Our eyes met. Mine were probably confused and a little bit apprehensive. His were unreadable. At least until he gave me a little smile; then they warmed up enough to make me want to drag him upstairs even with Bobby in the house.
“Focus, Princess,” Bobby said, smacking me on the leg. “Happy time later. Right now, let’s get this shit done.”
“I’m that easy to read?” I asked.
“A blind man across the street can read you,” Jae murmured, and he kissed me as he settled down on the couch beside me. “Let me see what’s here.”
The living room was quiet except for the sounds of us turning pages and the crunch of pickled vegetables being eaten. I’d offered Bobby a second beer, but he shook his head, telling me to bring him back a Coke. I brought b
ack two and a refill for Jae’s coffee. My lover mumbled a half thank you as he read, a frown wrinkling his eyebrows. I’d given him a small blank book to make notes in, and he wrote something down every once in a while, frowning more every time he filled a page. I peeked over his shoulder to see what he’d written, only to find it was in Korean.
“That does not help,” I pointed out.
“I’ll type it up in English later. Go back to what you were doing,” he grumbled at me. “Or just go away. This is hard. Most of the slang he uses is old. I’m having trouble with some of the words.”
The books were mostly useless, although one box held letters and family photos. I put those aside for Jae. A red-rope folder full of bills caught my interest, and I thumbed through them, trying to get an understanding of what Dae-Hoon’s finances looked like.
“Shit, even his bank statements were in Korean,” Bobby grumbled. “Yeah, I know, culturally insensitive, but damn it, this bank’s on Wilshire. Would it have killed them to use English?”
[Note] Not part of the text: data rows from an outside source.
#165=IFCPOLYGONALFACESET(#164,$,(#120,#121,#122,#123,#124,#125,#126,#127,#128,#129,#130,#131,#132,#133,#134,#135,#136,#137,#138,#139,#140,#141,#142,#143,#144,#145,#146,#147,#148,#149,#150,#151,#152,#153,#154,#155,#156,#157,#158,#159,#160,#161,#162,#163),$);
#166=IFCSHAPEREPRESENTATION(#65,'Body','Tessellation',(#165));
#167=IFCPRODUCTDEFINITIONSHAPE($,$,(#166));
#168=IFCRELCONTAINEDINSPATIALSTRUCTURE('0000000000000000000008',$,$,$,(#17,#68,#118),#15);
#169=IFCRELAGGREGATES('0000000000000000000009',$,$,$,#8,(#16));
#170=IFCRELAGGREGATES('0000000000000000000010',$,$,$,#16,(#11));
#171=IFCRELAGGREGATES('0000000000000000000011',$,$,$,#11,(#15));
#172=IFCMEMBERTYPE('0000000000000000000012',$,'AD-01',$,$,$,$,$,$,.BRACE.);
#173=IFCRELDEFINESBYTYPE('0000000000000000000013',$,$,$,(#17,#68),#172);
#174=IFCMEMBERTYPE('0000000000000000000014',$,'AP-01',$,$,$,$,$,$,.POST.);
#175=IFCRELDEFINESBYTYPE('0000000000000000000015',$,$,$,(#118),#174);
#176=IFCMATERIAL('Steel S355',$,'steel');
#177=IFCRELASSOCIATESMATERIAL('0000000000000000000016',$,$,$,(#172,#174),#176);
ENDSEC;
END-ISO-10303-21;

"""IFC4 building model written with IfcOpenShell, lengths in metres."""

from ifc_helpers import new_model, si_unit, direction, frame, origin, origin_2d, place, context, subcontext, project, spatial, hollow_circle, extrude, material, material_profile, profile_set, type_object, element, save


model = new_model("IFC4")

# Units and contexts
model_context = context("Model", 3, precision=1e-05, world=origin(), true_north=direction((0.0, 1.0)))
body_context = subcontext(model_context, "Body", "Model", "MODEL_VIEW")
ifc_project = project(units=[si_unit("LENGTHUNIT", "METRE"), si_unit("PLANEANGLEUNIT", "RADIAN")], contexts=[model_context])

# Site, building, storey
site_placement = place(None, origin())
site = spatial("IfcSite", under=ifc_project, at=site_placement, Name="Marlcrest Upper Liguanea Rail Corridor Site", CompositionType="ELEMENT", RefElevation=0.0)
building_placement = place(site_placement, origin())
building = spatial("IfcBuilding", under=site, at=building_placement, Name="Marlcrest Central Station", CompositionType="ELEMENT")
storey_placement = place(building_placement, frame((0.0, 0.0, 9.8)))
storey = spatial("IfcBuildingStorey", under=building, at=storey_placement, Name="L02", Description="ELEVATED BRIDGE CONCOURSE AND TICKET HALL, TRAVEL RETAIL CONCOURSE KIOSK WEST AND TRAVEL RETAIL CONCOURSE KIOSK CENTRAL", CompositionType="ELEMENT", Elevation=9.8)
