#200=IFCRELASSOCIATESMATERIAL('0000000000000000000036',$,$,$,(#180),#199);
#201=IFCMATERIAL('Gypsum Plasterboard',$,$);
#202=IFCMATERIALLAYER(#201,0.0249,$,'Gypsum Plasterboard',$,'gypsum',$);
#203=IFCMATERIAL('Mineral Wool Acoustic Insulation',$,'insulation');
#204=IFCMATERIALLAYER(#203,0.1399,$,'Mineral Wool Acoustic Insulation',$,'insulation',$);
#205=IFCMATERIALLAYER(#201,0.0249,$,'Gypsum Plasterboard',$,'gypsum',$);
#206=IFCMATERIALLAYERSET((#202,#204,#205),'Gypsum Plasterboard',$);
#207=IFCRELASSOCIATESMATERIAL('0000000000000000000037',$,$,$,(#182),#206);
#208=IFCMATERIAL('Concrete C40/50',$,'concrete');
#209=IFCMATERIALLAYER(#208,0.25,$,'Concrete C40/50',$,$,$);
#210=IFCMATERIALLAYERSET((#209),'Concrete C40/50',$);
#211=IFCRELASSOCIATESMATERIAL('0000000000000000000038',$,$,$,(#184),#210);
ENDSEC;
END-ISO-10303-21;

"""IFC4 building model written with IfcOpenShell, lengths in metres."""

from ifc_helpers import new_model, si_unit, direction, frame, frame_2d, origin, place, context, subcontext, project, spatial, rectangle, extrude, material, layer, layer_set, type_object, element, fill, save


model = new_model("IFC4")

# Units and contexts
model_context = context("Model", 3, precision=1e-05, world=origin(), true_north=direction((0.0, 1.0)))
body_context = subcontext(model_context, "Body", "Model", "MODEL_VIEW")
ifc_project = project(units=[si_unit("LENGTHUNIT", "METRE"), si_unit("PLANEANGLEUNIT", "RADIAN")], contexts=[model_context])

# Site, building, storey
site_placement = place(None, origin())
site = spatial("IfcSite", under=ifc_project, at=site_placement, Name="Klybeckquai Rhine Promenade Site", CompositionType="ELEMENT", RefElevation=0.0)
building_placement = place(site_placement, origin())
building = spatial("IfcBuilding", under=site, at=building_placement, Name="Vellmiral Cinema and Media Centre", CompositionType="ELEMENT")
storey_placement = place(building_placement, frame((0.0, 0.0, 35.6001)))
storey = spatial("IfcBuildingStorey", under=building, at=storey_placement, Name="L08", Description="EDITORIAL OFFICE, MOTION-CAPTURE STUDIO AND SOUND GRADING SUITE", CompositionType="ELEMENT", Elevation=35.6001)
“You’re right. You’re a dick. Some of it’s in English,” I said. “It’s pretty easy to understand he was getting a lot more in than he was spending.” The same entry appeared over several of the statements, spaced out every two weeks. “I’m guessing this is his paycheck. Jae, where does it say he worked?”
“He worked for Seong hyung,” Jae said without looking up from his reading. “He was a liaison between the clients and the embassy. Nuna told us that.”
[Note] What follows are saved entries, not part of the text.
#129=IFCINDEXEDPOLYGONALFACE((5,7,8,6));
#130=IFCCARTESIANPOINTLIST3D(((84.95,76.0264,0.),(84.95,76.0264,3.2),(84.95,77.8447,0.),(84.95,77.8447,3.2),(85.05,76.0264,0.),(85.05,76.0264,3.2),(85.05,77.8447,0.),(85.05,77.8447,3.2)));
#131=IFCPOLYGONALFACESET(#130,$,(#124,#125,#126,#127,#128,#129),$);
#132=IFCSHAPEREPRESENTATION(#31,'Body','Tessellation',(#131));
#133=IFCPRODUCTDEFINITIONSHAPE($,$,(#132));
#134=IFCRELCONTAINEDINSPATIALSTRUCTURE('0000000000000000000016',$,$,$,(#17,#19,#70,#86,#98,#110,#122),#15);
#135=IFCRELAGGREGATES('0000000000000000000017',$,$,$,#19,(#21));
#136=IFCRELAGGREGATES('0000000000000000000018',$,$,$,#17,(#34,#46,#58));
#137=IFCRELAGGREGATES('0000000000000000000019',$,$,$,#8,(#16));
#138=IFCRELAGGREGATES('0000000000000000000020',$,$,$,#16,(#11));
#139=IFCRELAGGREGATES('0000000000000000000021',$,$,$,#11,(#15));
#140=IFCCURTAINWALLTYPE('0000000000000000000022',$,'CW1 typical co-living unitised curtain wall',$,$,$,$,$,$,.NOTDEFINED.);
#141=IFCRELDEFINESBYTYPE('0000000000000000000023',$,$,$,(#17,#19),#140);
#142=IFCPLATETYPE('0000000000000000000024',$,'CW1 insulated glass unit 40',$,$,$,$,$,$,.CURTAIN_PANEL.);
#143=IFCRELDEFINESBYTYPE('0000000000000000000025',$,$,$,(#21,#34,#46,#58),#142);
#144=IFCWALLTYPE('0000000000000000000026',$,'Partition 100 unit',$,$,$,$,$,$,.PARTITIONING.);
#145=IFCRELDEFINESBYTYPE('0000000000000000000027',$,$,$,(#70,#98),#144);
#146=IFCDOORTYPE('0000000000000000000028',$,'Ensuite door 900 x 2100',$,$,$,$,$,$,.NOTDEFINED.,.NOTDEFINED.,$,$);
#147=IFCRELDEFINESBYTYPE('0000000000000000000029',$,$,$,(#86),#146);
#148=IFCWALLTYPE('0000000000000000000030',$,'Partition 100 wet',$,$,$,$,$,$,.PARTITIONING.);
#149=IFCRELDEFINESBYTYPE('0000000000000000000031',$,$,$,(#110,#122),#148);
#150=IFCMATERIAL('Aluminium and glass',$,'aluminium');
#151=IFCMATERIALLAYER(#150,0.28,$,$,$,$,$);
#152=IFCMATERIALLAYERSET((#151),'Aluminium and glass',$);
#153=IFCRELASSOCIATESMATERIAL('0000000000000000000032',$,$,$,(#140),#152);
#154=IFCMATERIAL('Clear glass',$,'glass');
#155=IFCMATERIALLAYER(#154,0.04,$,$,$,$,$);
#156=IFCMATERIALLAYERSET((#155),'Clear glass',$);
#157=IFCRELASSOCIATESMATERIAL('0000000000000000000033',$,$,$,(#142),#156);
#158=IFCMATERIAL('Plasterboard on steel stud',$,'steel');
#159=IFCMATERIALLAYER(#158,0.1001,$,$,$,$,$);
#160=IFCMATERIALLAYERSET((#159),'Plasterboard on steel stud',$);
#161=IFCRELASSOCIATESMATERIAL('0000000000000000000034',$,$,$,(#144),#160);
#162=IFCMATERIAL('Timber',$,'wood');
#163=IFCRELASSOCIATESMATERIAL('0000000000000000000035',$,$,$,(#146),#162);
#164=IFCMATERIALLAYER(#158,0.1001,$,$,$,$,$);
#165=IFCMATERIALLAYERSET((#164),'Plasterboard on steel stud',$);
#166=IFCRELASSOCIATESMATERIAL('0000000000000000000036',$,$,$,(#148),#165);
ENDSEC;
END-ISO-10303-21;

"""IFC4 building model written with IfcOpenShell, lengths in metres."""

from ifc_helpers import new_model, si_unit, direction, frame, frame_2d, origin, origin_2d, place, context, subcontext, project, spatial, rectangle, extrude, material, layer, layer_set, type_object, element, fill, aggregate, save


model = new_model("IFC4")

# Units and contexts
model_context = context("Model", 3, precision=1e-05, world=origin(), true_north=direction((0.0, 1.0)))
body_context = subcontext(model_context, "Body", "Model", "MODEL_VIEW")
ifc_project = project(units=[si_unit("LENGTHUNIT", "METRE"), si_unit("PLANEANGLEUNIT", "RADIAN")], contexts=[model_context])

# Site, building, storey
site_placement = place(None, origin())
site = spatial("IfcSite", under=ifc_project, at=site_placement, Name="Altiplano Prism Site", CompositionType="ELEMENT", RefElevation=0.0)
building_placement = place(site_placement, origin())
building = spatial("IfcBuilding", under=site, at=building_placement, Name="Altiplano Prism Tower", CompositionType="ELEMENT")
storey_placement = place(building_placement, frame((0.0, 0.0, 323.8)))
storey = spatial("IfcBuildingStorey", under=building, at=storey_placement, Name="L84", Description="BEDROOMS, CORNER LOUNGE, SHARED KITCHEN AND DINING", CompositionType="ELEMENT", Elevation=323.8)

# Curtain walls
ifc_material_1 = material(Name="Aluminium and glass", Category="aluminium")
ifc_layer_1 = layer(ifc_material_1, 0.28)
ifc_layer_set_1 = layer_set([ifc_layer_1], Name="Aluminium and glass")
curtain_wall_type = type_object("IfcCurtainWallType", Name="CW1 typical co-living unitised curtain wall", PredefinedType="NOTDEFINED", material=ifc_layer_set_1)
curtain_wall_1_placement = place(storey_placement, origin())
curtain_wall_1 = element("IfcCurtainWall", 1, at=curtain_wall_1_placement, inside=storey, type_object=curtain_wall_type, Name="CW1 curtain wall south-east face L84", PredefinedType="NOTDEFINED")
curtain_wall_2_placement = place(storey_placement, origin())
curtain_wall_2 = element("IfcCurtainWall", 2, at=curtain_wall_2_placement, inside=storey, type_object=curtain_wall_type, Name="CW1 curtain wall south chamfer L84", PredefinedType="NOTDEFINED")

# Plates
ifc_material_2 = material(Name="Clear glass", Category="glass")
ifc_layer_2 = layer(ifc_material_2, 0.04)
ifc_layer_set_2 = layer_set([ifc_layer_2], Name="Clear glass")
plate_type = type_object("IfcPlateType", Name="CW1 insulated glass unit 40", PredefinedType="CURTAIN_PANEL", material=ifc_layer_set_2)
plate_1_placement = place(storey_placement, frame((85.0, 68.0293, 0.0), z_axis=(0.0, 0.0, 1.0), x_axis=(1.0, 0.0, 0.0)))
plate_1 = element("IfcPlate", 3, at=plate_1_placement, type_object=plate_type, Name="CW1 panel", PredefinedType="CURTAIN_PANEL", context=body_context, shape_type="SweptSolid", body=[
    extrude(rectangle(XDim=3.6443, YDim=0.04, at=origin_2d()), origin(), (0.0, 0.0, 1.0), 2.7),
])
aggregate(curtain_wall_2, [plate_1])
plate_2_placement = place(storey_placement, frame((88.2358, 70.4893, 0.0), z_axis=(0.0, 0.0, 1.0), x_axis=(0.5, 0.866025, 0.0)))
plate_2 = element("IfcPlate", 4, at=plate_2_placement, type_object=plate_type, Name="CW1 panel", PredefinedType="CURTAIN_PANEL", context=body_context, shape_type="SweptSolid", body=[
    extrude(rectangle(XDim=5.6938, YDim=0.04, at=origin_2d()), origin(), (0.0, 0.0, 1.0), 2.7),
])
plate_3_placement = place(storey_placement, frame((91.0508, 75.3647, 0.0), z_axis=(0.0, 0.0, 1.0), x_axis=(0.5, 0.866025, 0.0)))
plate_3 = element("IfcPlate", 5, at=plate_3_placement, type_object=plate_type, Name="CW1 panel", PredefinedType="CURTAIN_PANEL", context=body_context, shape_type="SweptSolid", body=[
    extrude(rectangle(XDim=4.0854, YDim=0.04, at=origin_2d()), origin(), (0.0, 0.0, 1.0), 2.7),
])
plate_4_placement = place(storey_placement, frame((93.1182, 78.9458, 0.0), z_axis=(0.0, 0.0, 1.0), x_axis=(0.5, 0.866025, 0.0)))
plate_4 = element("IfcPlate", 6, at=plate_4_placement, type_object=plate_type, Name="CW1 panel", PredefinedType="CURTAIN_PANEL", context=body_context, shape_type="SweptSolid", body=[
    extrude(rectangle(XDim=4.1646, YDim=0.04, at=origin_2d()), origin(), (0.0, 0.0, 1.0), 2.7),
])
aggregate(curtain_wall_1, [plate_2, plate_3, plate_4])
“Of course he was,” I said. “Wait, didn’t Scarlet say he walked away from everything? Even his job? What? Six months before he disappeared?”
“Yes.” Jae sounded annoyed, and he finally glanced up at me. “Why?”
“Because these deposits into his account continue up until he disappeared.” I waved the pages at him. “Seong kept paying him… even after he quit. There’s also other deposits, bigger ones.”